# Inspect feature importance

A good way to diagnose a model is to look at which features are important. First we load the model

In [1]:
import pandas as pd
import numpy as np
import matplotlib.pyplot as plt
from pathlib import Path

import sys
sys.path.append("..")
from ml_editor.data_processing import format_raw_df

data_path = Path('../data/writers.csv')
df = pd.read_csv(data_path)
df = format_raw_df(df.copy())

  interactivity=interactivity, compiler=compiler, result=result)


In [2]:
from ml_editor.data_processing import get_split_by_author, get_vectorized_inputs_and_label, add_text_features_to_df

df = add_text_features_to_df(df.loc[df["is_question"]].copy())
train_df, test_df = get_split_by_author(df, test_size=0.2, random_state=40)

In [3]:
from sklearn.externals import joblib

model_path = Path("../models/model_1.pkl")
clf = joblib.load(model_path) 
vectorizer_path = Path("../models/vectorizer_1.pkl")
vectorizer = joblib.load(vectorizer_path) 

In [4]:
from ml_editor.data_processing import get_vectorized_series, get_feature_vector_and_label

train_df["vectors"] = get_vectorized_series(train_df["full_text"].copy(), vectorizer)
test_df["vectors"] = get_vectorized_series(test_df["full_text"].copy(), vectorizer)

features = [
                "action_verb_full",
                "question_mark_full",
                "text_len",
                "language_question",
            ]
X_train, y_train = get_feature_vector_and_label(train_df, features)
X_test, y_test = get_feature_vector_and_label(test_df, features)

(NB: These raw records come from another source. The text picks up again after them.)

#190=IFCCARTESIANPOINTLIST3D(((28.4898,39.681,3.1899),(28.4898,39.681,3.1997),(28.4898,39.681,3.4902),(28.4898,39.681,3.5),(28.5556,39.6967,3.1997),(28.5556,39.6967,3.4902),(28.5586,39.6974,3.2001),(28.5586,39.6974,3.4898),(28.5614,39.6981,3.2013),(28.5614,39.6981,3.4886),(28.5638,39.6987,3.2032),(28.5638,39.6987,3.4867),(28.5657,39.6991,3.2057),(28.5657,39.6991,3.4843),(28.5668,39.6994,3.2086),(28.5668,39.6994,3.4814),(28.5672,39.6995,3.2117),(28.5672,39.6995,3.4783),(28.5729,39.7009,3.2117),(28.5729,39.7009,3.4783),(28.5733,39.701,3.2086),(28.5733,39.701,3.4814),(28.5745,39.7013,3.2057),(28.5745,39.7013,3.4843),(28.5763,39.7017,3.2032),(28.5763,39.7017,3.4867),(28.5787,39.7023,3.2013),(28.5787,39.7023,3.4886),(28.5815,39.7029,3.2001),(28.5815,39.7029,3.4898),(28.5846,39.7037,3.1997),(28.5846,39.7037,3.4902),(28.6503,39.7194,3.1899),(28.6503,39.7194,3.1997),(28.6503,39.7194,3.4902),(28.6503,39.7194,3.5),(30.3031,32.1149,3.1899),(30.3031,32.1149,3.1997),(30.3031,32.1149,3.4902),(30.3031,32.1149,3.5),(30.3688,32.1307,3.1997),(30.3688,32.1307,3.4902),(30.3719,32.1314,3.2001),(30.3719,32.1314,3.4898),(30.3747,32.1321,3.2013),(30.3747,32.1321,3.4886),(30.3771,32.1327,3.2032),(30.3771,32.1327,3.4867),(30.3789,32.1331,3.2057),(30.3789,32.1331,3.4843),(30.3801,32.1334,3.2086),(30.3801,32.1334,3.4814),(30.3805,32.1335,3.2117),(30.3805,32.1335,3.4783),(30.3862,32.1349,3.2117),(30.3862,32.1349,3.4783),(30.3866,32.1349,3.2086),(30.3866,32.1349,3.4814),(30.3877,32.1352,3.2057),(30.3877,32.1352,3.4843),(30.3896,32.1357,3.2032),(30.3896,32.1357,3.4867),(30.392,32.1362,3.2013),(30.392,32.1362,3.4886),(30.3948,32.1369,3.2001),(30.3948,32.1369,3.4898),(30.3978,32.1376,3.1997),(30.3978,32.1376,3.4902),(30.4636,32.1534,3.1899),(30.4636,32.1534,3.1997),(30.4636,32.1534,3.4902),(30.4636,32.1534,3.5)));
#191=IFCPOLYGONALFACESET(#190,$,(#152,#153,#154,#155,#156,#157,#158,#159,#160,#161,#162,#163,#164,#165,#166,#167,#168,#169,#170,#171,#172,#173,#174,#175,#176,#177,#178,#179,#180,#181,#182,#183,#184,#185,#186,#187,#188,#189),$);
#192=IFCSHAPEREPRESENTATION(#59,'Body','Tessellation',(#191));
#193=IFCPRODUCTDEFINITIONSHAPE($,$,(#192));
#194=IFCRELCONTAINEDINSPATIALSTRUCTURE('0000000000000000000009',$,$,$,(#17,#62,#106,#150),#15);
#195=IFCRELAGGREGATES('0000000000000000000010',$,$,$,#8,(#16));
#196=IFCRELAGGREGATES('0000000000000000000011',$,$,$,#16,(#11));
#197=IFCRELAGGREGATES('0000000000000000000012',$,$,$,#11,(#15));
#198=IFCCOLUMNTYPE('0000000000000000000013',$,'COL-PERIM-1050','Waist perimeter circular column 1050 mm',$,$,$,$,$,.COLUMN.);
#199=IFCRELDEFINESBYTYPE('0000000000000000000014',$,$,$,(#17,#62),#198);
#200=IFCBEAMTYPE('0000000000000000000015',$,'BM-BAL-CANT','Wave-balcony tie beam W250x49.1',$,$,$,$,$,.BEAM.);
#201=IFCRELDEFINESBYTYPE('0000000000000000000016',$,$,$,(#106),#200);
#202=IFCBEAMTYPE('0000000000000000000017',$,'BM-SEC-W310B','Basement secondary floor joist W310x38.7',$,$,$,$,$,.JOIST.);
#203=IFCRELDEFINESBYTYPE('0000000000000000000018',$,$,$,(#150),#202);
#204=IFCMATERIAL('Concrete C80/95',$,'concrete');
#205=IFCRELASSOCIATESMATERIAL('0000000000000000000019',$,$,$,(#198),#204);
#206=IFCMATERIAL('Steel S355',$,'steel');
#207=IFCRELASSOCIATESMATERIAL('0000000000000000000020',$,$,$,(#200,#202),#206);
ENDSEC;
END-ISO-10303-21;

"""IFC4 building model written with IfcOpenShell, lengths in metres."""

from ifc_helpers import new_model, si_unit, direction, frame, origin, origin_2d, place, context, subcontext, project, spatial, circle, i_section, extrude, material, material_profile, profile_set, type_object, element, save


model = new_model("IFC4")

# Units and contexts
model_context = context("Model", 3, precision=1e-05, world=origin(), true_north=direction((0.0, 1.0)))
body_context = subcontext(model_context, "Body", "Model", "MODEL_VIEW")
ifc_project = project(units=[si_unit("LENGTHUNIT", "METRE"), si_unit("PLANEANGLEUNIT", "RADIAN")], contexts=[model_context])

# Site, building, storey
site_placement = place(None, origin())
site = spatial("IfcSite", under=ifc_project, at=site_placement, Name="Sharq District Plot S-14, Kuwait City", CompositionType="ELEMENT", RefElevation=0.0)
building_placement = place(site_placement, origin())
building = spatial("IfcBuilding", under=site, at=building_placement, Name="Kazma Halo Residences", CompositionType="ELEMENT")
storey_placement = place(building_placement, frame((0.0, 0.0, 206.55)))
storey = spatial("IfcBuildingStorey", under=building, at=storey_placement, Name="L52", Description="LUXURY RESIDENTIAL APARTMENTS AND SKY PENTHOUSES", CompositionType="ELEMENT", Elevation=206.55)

A value is trying to be set on a copy of a slice from a DataFrame.
Try using .loc[row_indexer,col_indexer] = value instead

See the caveats in the documentation: http://pandas.pydata.org/pandas-docs/stable/indexing.html#indexing-view-versus-copy
  This is separate from the ipykernel package so we can avoid doing imports until
A value is trying to be set on a copy of a slice from a DataFrame.
Try using .loc[row_indexer,col_indexer] = value instead

See the caveats in the documentation: http://pandas.pydata.org/pandas-docs/stable/indexing.html#indexing-view-versus-copy
  after removing the cwd from sys.path.


Now let's look at the most important features

In [5]:
from ml_editor.model_evaluation import get_feature_importance

w_indices = vectorizer.get_feature_names()
w_indices.extend(features)
all_feature_names = np.array(w_indices)


In [6]:
k = 10
print("Top %s importances:\n" % k)
print('\n'.join(["%s: %.2g" % (tup[0], tup[1]) for tup in get_feature_importance(clf, all_feature_names)[:k]]))

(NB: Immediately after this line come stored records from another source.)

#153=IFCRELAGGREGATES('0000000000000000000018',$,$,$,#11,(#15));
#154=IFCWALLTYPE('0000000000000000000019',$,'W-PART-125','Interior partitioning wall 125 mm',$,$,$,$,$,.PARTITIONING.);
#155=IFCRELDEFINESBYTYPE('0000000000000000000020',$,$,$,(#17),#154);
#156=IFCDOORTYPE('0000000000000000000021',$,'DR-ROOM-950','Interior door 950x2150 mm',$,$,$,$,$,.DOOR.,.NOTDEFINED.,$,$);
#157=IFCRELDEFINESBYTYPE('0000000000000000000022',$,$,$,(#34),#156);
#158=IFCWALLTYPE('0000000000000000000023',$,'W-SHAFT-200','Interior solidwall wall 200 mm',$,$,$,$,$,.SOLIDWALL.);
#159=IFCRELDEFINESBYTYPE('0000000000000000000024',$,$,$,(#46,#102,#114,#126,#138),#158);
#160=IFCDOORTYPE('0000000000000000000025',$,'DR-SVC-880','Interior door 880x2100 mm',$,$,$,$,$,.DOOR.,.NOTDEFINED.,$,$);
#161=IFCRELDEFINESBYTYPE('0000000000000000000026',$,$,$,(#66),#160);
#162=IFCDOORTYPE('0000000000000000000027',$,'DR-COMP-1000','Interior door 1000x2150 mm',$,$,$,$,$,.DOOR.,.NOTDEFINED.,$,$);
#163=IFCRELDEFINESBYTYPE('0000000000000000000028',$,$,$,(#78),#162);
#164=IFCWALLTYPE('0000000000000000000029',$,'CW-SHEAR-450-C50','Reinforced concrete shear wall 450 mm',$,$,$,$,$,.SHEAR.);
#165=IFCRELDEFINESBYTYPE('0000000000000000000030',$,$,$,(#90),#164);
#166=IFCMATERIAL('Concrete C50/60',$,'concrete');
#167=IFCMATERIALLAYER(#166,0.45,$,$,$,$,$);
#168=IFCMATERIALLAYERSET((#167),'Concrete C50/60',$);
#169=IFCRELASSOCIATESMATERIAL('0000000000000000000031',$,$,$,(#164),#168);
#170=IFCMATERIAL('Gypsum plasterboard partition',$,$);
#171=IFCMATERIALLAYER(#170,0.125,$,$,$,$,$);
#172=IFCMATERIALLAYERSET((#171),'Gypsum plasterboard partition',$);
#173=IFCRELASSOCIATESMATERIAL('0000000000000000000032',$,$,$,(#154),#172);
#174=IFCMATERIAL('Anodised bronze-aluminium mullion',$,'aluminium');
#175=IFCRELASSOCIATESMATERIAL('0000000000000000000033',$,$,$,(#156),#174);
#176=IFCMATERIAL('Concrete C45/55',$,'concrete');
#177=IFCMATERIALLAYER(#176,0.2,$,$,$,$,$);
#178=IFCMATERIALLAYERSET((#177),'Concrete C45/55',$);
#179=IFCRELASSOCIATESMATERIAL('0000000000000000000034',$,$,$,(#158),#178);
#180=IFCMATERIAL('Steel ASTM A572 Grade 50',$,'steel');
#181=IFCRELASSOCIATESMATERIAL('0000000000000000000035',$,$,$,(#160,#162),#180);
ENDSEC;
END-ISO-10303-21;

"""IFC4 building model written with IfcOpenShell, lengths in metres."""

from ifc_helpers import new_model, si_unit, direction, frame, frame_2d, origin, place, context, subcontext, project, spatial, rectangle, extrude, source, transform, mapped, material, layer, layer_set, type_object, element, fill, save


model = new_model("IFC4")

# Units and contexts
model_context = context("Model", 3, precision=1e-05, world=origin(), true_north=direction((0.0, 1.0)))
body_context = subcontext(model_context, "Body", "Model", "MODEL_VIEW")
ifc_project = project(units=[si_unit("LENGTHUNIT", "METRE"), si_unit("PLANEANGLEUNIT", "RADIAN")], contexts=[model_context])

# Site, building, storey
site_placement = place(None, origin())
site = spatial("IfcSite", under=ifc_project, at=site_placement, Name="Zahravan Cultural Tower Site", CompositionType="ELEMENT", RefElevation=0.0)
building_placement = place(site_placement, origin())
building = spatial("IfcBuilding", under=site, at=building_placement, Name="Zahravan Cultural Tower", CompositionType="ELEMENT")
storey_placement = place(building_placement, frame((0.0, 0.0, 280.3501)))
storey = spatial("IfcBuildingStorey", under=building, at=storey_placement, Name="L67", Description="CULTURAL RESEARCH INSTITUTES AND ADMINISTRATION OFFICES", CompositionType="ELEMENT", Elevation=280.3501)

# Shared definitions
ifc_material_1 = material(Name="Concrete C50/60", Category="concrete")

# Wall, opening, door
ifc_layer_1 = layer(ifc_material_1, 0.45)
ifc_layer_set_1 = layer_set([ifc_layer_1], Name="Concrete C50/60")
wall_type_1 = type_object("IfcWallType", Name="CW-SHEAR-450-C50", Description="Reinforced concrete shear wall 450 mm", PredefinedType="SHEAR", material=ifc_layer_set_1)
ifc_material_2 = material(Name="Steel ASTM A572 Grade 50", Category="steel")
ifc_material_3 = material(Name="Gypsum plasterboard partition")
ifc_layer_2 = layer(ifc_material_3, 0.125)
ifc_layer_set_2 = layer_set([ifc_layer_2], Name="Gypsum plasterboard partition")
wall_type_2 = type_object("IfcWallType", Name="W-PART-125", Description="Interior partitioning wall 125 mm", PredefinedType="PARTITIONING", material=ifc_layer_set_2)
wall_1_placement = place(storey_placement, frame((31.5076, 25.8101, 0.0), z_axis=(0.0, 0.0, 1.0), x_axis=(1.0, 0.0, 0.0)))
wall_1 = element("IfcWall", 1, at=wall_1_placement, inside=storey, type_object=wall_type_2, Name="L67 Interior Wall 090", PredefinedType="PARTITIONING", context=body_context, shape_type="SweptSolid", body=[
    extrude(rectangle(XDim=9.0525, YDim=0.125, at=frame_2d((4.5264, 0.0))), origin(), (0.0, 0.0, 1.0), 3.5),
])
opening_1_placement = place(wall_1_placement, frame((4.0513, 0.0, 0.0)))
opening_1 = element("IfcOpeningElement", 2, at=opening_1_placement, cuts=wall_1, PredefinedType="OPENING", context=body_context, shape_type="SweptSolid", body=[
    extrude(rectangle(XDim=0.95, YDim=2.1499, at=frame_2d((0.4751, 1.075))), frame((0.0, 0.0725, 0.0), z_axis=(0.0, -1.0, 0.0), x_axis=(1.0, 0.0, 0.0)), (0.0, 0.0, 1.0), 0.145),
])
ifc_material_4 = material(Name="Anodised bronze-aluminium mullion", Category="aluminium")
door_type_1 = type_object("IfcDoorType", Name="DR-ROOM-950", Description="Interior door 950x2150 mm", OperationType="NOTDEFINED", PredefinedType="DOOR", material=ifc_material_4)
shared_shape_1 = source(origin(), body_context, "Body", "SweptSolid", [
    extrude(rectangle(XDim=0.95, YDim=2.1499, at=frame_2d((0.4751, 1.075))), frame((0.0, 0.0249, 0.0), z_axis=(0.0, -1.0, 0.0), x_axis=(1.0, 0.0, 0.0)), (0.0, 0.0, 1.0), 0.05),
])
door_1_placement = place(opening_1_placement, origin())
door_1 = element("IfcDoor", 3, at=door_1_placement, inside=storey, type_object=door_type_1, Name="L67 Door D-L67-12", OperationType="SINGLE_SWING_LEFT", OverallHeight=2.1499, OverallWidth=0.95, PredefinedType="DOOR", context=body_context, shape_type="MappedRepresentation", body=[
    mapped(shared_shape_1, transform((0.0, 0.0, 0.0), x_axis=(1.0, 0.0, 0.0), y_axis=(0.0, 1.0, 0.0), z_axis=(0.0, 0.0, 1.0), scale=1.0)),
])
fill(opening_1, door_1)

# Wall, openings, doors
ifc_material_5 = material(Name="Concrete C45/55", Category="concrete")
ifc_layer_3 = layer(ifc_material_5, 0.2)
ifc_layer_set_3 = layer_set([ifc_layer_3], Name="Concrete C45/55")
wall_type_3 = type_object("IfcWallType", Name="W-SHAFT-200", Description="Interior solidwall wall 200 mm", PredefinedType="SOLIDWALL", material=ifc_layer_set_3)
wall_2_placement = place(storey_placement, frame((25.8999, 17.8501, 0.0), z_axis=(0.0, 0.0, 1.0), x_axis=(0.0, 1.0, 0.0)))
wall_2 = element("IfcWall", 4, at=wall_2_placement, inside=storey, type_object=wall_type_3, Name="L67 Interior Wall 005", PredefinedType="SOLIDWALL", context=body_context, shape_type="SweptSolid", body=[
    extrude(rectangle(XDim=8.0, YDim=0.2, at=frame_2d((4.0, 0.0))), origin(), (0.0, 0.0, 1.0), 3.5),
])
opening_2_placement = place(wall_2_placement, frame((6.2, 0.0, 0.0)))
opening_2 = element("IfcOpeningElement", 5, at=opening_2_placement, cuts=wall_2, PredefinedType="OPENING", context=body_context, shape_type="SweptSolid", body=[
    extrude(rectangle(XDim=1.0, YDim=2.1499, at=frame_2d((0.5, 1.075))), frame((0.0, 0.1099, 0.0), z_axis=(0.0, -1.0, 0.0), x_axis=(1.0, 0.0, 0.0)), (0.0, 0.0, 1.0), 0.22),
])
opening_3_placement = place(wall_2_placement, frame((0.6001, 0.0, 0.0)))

print("\nBottom %s importances:\n" % k)
print('\n'.join(["%s: %.2g" % (tup[0], tup[1]) for tup in get_feature_importance(clf, all_feature_names)[-k:]]))

Top 10 importances:

text_len: 0.0091
are: 0.006
what: 0.0051
writing: 0.0048
can: 0.0043
ve: 0.0041
on: 0.0039
not: 0.0039
story: 0.0039
as: 0.0038

Bottom 10 importances:

horrifying: 0
succeeds: 0
fired: 0
settling: 0
settled: 0
horrific: 0
cms: 0
pulling: 0
coast: 0
moonlight: 0


We can see that the text length is the most important feature. On the other hand, our other generated features end up being the least important.